Mich beruhigt immer, wenn eine Seite schreit „Das geht zuweit!“ und die andere „Das sollte noch viel weiter gehen!“ – dann scheint zumindest der Zielkorridor getroffen worden zu sein.
Interessant finde ich, dass der Anhang III, der die „hochriskanten Systeme“ regelt, ohne Gesetzgebungsprozess durch die Kommission angepasst werden kann. Den sollte man als Nutzer, Anbieter, Inverkehrbringer und Hersteller dringend im Auge behalten, es könnte sonst teuer werden.
Hier hast Du exakt das geschrieben, was mit der Fragestellung der „Überregulierung“ dazu führt, dass Geschäftsführer, die in der Haftung stehen langsam bei allen Verordnungen den Verstand verlieren und wortlos abwinken.
Wie soll ein GF das kontrollieren und gleichzeitig Freiräume zulassen damit sich Mitarbeiter*innen entfalten können. So wird der GF wohl alle Tools im Unternehmen anschauen müssen und bewerten was ab sofort verboten ist, damit er die Haftung begrenzt. Wie er den etwaigen Unmut der Belegschaft, die mit KI arbeiten abfängt und für einen Ausgleich sorgt ist sicher nicht einfach.
Aber ja, aufgrund der Nähe zur DSGVO war es klar, dass alles rund um KI vor den Gesichtspunkten Deiner Aufzählung massiv auf dem Prüfstand stehen.

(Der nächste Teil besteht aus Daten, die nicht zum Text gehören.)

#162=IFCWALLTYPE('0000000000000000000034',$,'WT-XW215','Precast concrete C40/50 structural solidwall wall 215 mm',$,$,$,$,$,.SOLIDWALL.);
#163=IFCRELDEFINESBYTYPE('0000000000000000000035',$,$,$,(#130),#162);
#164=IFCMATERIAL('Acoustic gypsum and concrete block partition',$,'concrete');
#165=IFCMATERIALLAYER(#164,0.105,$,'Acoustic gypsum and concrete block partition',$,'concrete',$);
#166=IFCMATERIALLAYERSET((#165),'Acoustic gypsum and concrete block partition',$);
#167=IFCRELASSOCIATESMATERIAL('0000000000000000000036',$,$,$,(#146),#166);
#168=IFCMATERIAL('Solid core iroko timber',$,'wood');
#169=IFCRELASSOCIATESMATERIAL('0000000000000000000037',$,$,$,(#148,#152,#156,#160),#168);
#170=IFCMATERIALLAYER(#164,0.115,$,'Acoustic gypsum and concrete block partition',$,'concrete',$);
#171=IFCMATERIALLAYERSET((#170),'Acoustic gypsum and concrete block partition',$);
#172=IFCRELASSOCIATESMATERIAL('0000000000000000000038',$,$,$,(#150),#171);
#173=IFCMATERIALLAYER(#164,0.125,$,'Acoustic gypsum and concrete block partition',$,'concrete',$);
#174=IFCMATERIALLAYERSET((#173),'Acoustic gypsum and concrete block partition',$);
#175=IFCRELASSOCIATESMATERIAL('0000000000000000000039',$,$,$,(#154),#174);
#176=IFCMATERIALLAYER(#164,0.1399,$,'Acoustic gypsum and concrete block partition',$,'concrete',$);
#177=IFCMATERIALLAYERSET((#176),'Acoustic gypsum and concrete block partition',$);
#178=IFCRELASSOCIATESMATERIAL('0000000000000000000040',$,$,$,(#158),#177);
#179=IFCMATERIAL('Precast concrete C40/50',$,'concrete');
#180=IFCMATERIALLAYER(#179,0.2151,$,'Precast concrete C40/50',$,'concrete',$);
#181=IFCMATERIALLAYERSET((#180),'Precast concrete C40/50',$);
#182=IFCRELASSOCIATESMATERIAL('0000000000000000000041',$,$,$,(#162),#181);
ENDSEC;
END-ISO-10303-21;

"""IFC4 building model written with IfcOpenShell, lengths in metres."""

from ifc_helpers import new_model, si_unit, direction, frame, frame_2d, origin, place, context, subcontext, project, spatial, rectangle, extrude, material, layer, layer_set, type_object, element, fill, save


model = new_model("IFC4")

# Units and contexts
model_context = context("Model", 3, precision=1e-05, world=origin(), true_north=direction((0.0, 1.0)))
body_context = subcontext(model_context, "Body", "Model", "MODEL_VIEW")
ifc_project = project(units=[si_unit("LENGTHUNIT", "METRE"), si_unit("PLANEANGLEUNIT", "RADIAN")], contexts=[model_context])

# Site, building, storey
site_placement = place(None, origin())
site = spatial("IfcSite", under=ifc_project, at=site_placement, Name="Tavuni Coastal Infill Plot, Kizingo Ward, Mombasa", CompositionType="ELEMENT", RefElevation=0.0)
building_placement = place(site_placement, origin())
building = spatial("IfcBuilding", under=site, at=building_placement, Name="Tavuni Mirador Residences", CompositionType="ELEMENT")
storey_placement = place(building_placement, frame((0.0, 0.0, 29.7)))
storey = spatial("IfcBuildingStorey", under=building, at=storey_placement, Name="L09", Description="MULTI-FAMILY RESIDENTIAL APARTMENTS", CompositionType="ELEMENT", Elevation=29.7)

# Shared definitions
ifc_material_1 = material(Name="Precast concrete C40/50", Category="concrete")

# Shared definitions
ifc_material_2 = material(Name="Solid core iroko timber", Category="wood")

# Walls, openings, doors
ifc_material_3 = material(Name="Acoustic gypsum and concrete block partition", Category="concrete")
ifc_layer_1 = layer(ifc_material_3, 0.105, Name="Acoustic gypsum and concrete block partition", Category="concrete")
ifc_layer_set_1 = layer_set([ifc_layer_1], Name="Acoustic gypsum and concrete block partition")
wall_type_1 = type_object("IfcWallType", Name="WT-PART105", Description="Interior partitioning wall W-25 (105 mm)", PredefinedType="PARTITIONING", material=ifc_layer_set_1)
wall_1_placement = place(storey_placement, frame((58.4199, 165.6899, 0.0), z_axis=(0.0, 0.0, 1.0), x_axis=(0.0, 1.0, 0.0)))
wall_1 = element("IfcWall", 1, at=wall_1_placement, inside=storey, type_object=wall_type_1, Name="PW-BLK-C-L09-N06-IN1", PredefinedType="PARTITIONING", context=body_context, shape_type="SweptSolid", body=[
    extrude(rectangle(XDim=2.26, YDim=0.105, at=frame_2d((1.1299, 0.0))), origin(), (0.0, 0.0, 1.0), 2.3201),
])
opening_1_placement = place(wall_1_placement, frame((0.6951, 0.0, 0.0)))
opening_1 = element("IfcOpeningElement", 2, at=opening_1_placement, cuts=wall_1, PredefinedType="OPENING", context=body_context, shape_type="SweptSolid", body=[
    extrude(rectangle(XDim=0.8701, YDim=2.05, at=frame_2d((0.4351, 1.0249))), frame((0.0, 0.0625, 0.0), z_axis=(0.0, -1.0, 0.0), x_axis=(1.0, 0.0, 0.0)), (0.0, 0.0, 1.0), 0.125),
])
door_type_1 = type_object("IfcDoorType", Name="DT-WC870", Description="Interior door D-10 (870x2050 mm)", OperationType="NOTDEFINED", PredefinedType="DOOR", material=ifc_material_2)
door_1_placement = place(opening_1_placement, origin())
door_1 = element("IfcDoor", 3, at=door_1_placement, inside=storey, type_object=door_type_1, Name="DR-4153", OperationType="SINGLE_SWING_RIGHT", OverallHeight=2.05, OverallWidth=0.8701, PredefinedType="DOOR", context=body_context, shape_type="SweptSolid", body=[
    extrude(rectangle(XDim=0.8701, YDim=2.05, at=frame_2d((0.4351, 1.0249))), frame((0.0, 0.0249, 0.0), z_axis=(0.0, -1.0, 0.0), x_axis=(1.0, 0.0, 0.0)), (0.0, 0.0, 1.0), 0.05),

Du hattest den Thread aufgemacht mit der Frage, ob die KI-VO zur Überregulierung beiträgt. Ich sehe nicht viel, was die KI-VO an Regulierung zusätzlich schafft, die nicht schon längst bestünde. Das schließt die Geschäftsführerhaftung mit ein.

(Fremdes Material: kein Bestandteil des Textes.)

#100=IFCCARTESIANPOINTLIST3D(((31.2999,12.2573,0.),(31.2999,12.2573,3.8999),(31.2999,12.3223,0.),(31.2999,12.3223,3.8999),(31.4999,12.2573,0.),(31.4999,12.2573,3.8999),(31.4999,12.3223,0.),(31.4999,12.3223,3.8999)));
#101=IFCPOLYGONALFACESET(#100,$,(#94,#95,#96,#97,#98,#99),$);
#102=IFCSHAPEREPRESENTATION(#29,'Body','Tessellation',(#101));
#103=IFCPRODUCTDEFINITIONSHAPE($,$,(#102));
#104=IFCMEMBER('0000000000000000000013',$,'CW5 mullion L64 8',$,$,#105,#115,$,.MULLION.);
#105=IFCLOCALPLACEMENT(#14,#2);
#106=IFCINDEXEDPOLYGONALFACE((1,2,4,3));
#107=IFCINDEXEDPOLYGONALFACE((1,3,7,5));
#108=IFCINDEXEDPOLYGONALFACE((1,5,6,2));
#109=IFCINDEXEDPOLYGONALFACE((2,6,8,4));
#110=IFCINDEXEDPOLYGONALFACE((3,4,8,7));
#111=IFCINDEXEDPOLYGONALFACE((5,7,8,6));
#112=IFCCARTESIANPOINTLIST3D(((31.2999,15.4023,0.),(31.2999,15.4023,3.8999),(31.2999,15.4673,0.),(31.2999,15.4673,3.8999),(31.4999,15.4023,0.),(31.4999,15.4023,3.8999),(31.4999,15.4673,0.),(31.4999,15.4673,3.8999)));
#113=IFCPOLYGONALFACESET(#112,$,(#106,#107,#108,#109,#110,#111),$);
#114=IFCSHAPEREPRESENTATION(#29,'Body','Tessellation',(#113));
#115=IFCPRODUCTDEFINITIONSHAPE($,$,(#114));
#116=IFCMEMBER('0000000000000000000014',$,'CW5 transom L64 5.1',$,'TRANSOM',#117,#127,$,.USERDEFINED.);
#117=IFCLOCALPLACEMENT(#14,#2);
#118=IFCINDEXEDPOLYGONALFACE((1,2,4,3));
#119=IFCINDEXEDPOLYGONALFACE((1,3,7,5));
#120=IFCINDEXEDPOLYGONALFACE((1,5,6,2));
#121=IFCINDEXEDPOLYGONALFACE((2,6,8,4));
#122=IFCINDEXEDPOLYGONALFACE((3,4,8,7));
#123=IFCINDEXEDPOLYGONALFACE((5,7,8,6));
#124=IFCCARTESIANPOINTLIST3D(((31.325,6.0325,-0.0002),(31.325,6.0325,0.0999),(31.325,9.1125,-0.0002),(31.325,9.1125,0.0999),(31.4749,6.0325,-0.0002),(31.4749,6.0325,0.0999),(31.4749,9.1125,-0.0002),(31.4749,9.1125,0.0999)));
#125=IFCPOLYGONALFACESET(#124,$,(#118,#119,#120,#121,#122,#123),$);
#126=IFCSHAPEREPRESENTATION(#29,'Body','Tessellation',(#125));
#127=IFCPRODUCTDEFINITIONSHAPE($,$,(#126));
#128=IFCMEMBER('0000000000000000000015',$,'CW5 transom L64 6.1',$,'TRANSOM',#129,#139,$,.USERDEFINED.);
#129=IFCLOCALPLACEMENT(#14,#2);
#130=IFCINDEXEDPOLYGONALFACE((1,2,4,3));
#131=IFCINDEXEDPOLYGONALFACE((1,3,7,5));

Ich denke auch, dass die Freiräume da sind, wenn man sich vorher Gedanken darüber macht, wofür man KI einsetzen möchte.
Daraus abgeleitet kann man – analog zum oder auf Basis des Verfahrensverzeichnisses – KI-Verfahren aufnehmen und relativ schnell in die Klassen der KI-Verordnung einteilen.
Nimmt man zudem mit auf, welche mit personenbezogenen Daten als Input arbeiten, hat man schon die abgegrenzt, die der DSGVO direkt unterfallen.
Die sollte man einer DSFA unterziehen, bei der der Datenschutzbeauftragte unterstützt.
Parallel kann man (ggf. mit anwaltlicher Unterstützung) eine Richtlinie zum Umgang mit KI aufsetzen – am besten und wirkungsvollsten, in dem man das mit den Mitarbeitern macht, die bereits mit KI-Tools arbeiten. Was sollte darin geregelt sein? Ganz klassisch:
Wozu darf KI eingesetzt werden,
was ist ein No-Go,
bei welchen Informationen muss man vorsichtig sein,
wer trägt die Verantwortung und
wen kann man im Zweifel fragen.
Wer bestellt die KI und
wer bezahlt sie.
Arbeitsmittel nicht privat nutzen und Privatmittel nicht für die Arbeit als Abbinder.
Damit hat man schon einmal ein Gerüst, das für spezielle Anwendungen dann ergänzt und erweitert werden kann:
Bei KI-generierten Bildern immer einen Hinweis darauf aufnehmen;
Keine Daten, die einem NDA unterliegen, in fremde KI-Systeme;
Keine Daten, die einem fremden Urheberschutz unterliegen, verwenden;
Verweise, Zitate und Fakten vor Veröffentlichung prüfen;
Sicherheitsmaßnahmen bei Umgang mit KI-Modellen;
Die Liste ist natürlich nicht vollständig, und sie ignoriert Spezialfälle außerhalb des normalen Einsatzes von ChatGPT, Midjourney & Co – aber, seien wir ehrlich, wenn mehr an KI eingekauft werden soll, ist meistens sowieso ein Projekt dahinter, bei dem Einkauf und Compliance dann eh beteiligt sein sollten.
Hat man selbst nicht die nötige Übersicht über die Prozesse innerhalb des Unternehmens, sollten spätestens die Manager der entsprechenden Ebenen sie haben. Die wenigsten Geschäftsführer kümmern sich selbst um die Arbeitssicherheitsmaßnahmen, für die sie haften, in diesem Bereich wird es am Ende nicht anders sein.
Und ja, jedes Compliance-Regime ist ein Magnet für Berater jeglicher Expertisegrade.